Data is never neutral. This is my social science background talking. It’s made me suspicious! Or should that be critical? Not everyone agrees but I’ve always distrusted the ability of stats to tell the full story.
This week it was announced Hans Rosling has died. A sign of the internet age is the videos we leave behind. This link to a TED Talk (2006) The best stats you’ve ever seen begins with his trademark introduction ‘I’m a statistician – No – don’t switch off!’
Rosling set out to show the changing world through the visualisation of data. The concept was simple. Most good ideas are. Publically funded statistics exist but are not presented in ways which are educational and accessible. Rosling founded the Gapminder organisation to create software linking data with presentation tools, thereby making it visible and searchable or in this own words – liberated. Helped more than a little by a narration owing more to a sports commentary than traditional academia, graphs have never been so entertaining or eye-opening. Mission accomplished.
Over the years Rosling moved from overhead projector, with his trademark stepladder for reaching the high parts, to more sophisticated forms of digital touch screen representation. The technology was wizzy but somehow wasn’t the same.

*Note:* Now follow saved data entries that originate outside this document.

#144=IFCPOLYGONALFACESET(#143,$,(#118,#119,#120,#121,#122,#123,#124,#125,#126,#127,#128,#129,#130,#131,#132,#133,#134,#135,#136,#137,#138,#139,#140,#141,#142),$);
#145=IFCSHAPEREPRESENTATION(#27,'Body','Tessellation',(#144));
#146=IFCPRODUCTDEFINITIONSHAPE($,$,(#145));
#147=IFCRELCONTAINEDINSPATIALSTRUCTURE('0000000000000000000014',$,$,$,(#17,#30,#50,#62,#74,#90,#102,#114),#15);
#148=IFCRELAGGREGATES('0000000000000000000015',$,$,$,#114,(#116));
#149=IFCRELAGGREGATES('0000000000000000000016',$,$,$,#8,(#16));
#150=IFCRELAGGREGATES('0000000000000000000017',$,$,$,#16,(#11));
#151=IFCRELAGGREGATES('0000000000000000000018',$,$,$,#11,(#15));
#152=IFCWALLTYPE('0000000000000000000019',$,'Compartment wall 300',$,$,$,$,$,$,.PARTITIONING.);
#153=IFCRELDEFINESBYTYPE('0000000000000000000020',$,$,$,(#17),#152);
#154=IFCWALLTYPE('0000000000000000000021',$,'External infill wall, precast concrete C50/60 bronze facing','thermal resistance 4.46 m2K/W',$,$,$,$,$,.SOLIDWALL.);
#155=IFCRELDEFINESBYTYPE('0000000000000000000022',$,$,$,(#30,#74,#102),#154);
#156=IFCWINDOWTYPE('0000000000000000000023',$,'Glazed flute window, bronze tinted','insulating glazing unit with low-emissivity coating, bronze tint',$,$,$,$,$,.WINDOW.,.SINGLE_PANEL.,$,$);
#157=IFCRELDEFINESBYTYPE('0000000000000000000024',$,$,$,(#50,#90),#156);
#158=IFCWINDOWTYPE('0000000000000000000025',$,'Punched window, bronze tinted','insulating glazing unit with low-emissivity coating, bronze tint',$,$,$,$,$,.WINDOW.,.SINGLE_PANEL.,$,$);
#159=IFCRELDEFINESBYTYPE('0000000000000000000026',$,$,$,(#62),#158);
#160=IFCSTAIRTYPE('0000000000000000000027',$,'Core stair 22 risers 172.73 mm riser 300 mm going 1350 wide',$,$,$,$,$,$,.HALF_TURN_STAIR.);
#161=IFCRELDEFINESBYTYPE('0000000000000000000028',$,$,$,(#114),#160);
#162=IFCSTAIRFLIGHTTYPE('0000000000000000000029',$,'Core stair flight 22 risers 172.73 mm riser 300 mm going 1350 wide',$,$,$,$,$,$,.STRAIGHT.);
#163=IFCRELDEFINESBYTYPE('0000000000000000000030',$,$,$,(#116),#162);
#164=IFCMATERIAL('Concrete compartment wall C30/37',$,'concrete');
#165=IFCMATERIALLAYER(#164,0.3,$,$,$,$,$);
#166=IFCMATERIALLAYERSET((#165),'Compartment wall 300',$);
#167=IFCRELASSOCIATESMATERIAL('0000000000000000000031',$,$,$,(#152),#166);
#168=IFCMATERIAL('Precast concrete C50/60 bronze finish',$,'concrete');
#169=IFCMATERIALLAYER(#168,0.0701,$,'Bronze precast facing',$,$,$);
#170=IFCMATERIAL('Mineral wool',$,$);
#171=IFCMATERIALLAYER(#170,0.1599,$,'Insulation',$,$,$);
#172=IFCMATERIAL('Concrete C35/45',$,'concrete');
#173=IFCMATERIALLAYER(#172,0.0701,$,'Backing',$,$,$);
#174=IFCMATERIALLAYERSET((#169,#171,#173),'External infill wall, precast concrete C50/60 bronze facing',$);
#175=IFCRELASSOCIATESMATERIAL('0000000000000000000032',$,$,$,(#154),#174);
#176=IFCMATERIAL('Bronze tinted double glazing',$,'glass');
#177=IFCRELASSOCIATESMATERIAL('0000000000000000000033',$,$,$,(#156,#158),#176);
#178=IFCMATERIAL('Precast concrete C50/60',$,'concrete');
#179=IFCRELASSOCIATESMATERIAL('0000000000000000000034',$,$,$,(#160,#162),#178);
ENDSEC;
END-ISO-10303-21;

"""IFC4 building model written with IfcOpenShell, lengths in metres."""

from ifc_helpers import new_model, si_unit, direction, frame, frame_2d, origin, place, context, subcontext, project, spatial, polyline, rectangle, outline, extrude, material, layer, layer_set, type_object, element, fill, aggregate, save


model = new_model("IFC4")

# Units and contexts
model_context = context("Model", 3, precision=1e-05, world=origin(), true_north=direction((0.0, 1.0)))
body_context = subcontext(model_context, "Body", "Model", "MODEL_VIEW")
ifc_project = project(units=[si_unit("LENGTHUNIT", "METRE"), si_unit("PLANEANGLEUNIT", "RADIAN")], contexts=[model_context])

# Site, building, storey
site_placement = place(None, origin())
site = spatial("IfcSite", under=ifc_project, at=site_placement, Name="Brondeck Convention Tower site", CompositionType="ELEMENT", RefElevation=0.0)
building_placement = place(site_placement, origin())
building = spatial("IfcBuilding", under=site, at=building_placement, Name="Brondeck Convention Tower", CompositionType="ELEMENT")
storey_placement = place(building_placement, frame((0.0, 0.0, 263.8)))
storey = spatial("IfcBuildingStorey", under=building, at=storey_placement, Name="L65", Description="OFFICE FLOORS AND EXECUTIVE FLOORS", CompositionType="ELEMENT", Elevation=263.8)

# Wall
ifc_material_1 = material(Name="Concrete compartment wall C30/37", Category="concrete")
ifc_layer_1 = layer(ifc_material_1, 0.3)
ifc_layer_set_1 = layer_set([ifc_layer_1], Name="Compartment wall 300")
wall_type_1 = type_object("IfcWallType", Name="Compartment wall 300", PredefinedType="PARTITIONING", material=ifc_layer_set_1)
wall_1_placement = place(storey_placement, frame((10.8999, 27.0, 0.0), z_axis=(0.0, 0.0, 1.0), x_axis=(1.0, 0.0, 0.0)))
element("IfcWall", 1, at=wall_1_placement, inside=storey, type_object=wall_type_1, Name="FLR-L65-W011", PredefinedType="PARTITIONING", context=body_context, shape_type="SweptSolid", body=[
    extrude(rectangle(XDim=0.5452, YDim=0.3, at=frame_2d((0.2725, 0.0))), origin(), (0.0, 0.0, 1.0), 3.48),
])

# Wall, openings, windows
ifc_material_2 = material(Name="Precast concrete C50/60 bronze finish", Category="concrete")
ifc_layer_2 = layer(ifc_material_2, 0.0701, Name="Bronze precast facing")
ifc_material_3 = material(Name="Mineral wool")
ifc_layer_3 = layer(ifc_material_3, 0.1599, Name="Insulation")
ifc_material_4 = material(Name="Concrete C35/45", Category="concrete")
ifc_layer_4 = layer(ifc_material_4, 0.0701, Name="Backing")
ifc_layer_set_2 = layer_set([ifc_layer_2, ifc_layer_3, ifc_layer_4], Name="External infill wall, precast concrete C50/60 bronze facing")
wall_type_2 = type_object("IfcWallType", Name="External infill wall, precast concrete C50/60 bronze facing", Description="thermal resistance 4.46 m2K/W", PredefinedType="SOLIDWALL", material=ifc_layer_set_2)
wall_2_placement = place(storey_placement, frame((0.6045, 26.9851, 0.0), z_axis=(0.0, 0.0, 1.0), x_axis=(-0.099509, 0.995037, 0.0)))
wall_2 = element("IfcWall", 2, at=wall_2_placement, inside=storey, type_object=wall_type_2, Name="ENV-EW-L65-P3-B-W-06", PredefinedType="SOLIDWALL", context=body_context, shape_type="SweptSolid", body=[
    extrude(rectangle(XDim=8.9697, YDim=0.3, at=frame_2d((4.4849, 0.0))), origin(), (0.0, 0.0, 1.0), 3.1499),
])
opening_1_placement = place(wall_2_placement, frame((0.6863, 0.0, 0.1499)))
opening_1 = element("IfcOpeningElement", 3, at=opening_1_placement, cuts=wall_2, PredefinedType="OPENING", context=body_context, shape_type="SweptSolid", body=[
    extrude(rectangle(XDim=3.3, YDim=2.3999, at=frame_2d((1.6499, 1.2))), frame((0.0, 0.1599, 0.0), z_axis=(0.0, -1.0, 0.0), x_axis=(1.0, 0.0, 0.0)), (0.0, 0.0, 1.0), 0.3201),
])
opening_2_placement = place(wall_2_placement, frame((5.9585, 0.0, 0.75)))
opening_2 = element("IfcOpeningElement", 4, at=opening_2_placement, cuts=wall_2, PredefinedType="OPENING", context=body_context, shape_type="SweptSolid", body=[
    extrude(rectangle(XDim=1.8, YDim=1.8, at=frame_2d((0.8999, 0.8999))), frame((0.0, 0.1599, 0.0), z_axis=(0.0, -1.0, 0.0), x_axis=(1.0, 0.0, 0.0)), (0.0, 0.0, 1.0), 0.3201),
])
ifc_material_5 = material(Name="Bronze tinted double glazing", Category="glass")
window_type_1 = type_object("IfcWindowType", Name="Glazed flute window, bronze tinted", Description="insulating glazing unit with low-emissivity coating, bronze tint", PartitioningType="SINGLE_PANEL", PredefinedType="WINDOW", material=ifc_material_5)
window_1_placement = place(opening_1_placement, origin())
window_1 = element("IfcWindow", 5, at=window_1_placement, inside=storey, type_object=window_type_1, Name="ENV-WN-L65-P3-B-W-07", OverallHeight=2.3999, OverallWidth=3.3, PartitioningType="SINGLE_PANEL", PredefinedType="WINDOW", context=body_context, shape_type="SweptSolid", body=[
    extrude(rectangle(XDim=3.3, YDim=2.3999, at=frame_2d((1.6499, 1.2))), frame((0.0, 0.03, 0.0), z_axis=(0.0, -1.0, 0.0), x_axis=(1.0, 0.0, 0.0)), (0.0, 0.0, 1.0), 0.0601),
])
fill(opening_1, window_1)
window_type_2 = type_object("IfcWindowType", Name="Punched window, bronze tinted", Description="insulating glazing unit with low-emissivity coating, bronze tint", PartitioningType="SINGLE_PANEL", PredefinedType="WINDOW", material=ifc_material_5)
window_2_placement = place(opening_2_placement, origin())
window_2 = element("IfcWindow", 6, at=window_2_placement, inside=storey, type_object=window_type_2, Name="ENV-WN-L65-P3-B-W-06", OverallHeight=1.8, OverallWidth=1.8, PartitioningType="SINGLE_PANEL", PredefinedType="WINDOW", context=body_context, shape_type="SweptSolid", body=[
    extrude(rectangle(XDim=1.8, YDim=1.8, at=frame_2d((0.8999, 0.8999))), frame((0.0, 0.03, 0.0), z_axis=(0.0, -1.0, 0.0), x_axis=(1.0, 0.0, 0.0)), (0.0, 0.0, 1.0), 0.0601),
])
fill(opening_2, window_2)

I saw Rosling present a couple of times. Mostly on the international health and social care arena where he spoke about the world and what really matters; fertility rates, child mortality, family planning, distribution of income and the power of social change. There were always a number of key messages. Data is better than you think; there may be an uncertainty margin but the differences revealed are larger than any weakness. Data can be structured e.g. revealing the importance of context an highlighting diversity, sometimes within single countries. Most relevant to educationalists, Rosling maintained problems are not caused by ignorance but through preconceived ideas.
Data is big business and higher education has not escaped from the lure of using stats to review and refine the student experience. Within institutions the VLE dashboard and NSS (National Student Survey) have been used for some time to wave red flags. Now the TEF is bringing data analytics to the forefront. The relationship between NSS scores, figures from HESA (Higher Education Statistics Agency) and DELI (Destination of Leavers from Higher Education) and teaching excellence is still open for debate but there’s no denying how ‘Learning Analytics’ is now positioned centre-stage.
All my initial reservations about statistical data have come back. It’s one thing to collect and group figures into charts and tables but useful interpretation depends on wider issues such as identifying what you want to know and why you want to know it. Counting the times a student logs onto a VLE or walks into the library tells us little about the nature of their activity or quality of engagement.
The biggest concern is the rhetoric. The Bricks to Clicks report tells us data has “enormous potential to improve the student experience at university” while the Jisc report Learning Analytics in Higher Education offers analytics as a tool with many functions. These include quality assurance and quality improvement, boosting retention rates and assessing and acting upon differential students outcomes – to mention a few.
We’ve been here before in the early days of education technology which promised much with regard to enhancement but with little evidence of improvement. Deterministic approaches see technology as the agent of change rather than focusing on the cultural context in which it’s positioned. Today it seems there’s an increasing risk of data being seen through a similar determinist lens.
Education developers and researchers want teaching interventions which produce the most effective learning environments. As it stands, I’m not convinced the collection, measurement and interpretation of all this data for the TEF will produce any meaningful information about what we really want to know. The Learning Analytics movement needs someone like Hans Rosling to challenge preconceived ideas and find ways to interpret data which are innovative, useful and accessible.
It would also be worth asking if the data we have is from the most appropriate sources in the first place.